I learned it from Noah's tutorial so I guess I'm not alone, but I don't know how widely it's used. Actually it's not so much the Z that is important, it's indicating whether you remembered parity. At the moment, you could pass the memo check in the tool even though you would have failed for real by forgetting to fix parity. You could add a checkbox alongside the edge and corner inputs if you think Z is too specific.



Keroma12 said:


> Note that in applying your memo to the cube, I literally just swap your buffer with the next target each time (so half the time the state is in an unreachable position). How would the above parity check be demonstrated in the scramble display?


Good question. I'm not sure you can, unless you add some more method-specific settings. In my opinion, I think you should either do that or remove the display of cube state after execution, because there's no point showing it unless it's valid according to the user's method.

Another example - some people cater for parity by memoing corners first then exchanging UB and UL during their edge memo, so they actually solve those edges to the wrong positions in anticipation of an odd number of corner swaps.
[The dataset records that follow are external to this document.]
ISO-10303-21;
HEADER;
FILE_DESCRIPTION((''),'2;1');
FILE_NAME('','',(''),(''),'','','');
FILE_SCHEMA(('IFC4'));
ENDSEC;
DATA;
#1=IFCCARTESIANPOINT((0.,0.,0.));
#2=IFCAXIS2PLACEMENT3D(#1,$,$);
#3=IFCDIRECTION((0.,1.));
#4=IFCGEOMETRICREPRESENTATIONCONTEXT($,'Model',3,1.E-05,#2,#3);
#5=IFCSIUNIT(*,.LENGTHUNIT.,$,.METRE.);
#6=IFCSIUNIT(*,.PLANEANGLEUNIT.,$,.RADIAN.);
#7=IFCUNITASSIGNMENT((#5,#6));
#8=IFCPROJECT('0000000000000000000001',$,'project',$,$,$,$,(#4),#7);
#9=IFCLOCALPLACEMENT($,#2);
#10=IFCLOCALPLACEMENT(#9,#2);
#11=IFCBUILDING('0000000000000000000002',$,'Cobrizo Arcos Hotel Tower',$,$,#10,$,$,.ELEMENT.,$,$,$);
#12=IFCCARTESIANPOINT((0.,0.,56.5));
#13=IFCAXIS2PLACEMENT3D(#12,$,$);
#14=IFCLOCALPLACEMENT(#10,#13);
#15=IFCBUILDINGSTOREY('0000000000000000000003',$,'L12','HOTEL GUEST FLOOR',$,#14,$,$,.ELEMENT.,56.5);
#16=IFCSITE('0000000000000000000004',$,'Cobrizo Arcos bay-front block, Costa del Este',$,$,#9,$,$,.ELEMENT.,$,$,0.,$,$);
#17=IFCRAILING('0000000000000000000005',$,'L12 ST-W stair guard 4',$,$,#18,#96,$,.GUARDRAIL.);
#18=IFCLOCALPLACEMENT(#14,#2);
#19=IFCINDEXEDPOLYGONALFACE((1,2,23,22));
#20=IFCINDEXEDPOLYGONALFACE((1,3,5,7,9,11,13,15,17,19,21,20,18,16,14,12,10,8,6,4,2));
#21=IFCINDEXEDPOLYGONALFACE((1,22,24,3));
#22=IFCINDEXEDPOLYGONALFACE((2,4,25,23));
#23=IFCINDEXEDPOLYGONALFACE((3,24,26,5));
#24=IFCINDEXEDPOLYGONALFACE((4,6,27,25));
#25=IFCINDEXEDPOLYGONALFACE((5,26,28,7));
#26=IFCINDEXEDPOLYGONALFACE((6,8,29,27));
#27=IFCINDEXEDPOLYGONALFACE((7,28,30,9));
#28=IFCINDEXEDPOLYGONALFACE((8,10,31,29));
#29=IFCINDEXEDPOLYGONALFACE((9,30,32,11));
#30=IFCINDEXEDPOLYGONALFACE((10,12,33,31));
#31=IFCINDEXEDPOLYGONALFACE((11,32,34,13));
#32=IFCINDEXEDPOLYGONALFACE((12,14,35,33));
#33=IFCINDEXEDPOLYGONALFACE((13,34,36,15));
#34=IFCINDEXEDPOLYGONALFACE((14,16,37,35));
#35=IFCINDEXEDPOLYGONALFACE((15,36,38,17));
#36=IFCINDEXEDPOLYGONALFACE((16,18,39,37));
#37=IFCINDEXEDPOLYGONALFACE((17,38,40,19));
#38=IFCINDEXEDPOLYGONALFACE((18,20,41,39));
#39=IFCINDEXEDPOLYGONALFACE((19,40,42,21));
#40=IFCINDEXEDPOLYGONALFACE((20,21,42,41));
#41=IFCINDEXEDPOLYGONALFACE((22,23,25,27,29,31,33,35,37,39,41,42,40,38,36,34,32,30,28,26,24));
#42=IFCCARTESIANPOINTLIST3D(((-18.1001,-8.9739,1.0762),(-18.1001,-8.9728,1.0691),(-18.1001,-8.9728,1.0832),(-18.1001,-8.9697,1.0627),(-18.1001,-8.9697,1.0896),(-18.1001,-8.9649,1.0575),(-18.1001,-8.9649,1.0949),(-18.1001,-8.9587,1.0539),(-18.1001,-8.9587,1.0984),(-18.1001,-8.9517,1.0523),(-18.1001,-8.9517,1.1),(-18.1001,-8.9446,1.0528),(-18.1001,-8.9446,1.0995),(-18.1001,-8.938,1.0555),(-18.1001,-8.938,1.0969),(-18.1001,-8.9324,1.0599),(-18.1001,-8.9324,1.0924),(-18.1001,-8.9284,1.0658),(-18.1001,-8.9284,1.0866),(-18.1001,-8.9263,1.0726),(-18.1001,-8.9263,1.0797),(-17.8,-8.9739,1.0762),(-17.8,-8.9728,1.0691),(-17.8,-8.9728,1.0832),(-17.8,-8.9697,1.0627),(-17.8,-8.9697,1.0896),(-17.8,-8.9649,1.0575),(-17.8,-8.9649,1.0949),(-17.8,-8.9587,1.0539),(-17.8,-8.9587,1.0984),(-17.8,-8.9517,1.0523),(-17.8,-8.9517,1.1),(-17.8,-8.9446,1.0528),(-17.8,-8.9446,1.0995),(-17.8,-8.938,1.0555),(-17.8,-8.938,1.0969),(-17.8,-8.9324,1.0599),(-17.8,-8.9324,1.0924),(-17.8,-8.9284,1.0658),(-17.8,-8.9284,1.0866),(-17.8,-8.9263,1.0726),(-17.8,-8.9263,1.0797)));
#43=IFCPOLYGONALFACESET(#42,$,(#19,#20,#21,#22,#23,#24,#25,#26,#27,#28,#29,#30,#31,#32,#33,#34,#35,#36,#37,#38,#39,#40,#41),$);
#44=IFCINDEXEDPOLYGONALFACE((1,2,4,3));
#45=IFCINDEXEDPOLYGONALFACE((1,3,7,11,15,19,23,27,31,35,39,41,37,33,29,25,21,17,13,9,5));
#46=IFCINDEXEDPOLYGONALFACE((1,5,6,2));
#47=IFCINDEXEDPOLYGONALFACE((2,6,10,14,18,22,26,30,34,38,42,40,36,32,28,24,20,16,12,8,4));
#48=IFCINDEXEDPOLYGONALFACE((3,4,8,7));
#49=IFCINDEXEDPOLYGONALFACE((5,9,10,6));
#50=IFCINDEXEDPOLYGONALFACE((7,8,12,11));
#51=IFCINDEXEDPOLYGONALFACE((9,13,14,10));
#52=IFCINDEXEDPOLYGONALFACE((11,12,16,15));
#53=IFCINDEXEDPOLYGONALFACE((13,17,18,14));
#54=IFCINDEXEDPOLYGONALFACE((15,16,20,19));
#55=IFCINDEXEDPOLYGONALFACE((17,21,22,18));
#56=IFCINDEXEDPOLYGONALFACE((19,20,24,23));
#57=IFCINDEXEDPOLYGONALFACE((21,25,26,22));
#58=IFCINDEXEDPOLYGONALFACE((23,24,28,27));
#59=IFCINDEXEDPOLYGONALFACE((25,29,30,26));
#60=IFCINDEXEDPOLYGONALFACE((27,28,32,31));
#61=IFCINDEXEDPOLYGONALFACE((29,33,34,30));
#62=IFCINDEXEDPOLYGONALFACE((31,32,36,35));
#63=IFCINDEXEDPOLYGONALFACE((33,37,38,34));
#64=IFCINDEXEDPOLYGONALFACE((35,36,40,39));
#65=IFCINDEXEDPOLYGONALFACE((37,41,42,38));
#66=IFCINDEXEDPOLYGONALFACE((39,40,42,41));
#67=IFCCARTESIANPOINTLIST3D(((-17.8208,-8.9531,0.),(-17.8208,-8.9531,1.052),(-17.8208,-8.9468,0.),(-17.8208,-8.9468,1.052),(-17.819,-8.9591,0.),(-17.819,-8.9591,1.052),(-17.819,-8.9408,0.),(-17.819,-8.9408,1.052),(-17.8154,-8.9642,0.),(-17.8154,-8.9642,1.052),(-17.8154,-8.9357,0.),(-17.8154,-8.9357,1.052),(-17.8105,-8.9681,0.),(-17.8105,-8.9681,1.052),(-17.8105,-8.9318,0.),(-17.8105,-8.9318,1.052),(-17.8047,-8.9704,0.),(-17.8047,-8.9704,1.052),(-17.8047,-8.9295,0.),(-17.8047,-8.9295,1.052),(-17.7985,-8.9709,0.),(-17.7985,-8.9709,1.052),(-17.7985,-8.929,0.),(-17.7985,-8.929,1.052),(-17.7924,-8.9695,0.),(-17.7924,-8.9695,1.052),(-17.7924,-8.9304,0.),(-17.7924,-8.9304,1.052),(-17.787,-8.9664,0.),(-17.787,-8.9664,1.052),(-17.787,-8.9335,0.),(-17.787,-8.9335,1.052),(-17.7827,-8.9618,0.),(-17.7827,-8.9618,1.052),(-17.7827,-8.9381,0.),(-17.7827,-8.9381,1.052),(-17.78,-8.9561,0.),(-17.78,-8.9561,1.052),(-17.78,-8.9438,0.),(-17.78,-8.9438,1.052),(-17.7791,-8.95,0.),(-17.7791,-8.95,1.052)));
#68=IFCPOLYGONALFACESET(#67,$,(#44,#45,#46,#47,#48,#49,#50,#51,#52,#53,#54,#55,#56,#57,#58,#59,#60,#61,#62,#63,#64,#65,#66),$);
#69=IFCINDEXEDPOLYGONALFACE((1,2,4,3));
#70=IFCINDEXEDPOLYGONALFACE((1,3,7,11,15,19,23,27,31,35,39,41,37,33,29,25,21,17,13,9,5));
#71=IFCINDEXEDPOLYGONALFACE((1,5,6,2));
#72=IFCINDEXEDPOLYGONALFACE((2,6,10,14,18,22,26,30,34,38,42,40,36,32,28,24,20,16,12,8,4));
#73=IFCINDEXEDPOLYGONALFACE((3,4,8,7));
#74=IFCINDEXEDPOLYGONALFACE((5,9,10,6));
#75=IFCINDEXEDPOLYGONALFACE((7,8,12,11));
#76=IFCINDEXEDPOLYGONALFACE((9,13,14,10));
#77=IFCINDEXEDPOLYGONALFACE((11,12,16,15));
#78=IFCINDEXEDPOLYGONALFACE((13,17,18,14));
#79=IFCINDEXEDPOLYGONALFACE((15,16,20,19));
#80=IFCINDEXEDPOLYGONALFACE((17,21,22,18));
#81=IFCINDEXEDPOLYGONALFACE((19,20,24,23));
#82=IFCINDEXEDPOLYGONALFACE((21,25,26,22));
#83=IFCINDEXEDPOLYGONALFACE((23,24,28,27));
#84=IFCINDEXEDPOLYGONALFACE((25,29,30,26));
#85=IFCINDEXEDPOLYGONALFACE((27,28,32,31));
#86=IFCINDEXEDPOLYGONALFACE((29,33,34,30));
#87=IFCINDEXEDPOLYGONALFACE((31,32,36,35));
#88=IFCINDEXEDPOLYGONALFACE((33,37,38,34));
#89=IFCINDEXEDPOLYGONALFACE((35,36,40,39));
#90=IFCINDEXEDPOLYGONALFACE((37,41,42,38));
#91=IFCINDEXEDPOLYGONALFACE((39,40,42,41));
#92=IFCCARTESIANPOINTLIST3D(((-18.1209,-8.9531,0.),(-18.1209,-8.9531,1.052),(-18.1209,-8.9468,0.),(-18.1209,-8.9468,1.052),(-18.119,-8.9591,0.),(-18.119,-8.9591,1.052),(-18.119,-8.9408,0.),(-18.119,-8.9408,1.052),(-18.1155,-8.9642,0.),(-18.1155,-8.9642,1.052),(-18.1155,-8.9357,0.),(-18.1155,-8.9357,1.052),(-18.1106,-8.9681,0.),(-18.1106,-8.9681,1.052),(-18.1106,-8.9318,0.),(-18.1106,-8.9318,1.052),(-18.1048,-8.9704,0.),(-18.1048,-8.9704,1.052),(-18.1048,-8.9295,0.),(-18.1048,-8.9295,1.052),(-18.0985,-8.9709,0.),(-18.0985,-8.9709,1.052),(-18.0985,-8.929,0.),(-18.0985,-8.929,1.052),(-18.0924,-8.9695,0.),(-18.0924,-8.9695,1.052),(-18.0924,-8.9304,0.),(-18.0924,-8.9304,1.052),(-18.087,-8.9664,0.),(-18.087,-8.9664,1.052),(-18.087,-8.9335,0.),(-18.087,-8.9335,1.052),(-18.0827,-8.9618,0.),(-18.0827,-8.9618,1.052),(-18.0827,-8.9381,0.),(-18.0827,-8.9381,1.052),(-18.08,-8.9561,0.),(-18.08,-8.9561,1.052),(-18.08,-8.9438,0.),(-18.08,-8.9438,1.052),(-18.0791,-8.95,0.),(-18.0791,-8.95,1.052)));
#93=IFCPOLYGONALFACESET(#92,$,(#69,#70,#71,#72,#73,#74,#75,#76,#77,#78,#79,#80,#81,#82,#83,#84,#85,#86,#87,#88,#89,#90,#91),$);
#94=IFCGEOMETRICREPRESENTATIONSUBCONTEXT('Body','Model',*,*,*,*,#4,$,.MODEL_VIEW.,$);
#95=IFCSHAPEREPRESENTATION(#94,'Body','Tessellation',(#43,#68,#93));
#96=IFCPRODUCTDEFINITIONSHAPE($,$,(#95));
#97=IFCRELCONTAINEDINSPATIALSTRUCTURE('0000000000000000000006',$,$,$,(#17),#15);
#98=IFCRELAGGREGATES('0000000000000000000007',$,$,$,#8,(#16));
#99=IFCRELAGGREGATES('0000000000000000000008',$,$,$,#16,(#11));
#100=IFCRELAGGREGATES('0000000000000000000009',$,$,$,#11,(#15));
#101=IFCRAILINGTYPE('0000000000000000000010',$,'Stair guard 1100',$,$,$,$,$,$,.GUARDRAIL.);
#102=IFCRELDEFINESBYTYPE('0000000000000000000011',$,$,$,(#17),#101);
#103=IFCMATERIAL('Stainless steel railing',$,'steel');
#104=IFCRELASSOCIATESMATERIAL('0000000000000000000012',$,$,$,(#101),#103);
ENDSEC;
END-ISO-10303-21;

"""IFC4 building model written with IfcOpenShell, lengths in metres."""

from ifc_helpers import new_model, si_unit, direction, frame, origin, origin_2d, place, context, subcontext, project, spatial, circle, extrude, material, type_object, element, save


model = new_model("IFC4")

# Units and contexts
model_context = context("Model", 3, precision=1e-05, world=origin(), true_north=direction((0.0, 1.0)))
body_context = subcontext(model_context, "Body", "Model", "MODEL_VIEW")
ifc_project = project(units=[si_unit("LENGTHUNIT", "METRE"), si_unit("PLANEANGLEUNIT", "RADIAN")], contexts=[model_context])

# Site, building, storey
site_placement = place(None, origin())
site = spatial("IfcSite", under=ifc_project, at=site_placement, Name="Cobrizo Arcos bay-front block, Costa del Este", CompositionType="ELEMENT", RefElevation=0.0)
building_placement = place(site_placement, origin())
building = spatial("IfcBuilding", under=site, at=building_placement, Name="Cobrizo Arcos Hotel Tower", CompositionType="ELEMENT")
storey_placement = place(building_placement, frame((0.0, 0.0, 56.5)))
storey = spatial("IfcBuildingStorey", under=building, at=storey_placement, Name="L12", Description="HOTEL GUEST FLOOR", CompositionType="ELEMENT", Elevation=56.5)

# Railing
ifc_material_1 = material(Name="Stainless steel railing", Category="steel")
railing_type_1 = type_object("IfcRailingType", Name="Stair guard 1100", PredefinedType="GUARDRAIL", material=ifc_material_1)
railing_1_placement = place(storey_placement, frame((-17.8, -8.95, 0.0)))
element("IfcRailing", 1, at=railing_1_placement, inside=storey, type_object=railing_type_1, Name="L12 ST-W stair guard 4", PredefinedType="GUARDRAIL", context=body_context, shape_type="SweptSolid", body=[
    extrude(circle(Radius=0.0239, at=origin_2d()), frame((0.0, 0.0, 1.0762), z_axis=(-1.0, 0.0, 0.0), x_axis=(0.0, -1.0, 0.0)), (0.0, 0.0, 1.0), 0.3),
    extrude(circle(Radius=0.021, at=origin_2d()), origin(), (0.0, 0.0, 1.0), 1.052),
    extrude(circle(Radius=0.021, at=origin_2d()), frame((-0.3, 0.0, 0.0)), (0.0, 0.0, 1.0), 1.052),
])

save(model, "model.ifc")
The tool can't cater for that today either.



Keroma12 said:


> I suppose I can relatively easily generate random move sequences for 4x4x4+, but 3x3x3 would need to have random state


Personally I think 25 random move scramble is adequate for memo testing, certainly better than nothing. 

I suggest considering the user experience and comparing it to how we practice other things. For regular solving, this is what I and most others do: Open web page or app. Scramble from timer screen, start inspection & timer, solve, stop timer, next scramble is already on screen. Repeat over and over. All interactions and info on one page/app, minimum clicks/presses, no extra steps, no wasted time.

This is how the BLD memo tool works today. Open timer in one window, BLD tool in another. Scramble from timer screen. Copy scramble from timer. Switch to BLD tool and paste in scramble, with extra clicks on "restart" and "check memo". Go back to timer. Start timer, memo, stop. Go back to BLD tool. Type in letters and click "check". Speedsolve the cube before next scramble can be applied.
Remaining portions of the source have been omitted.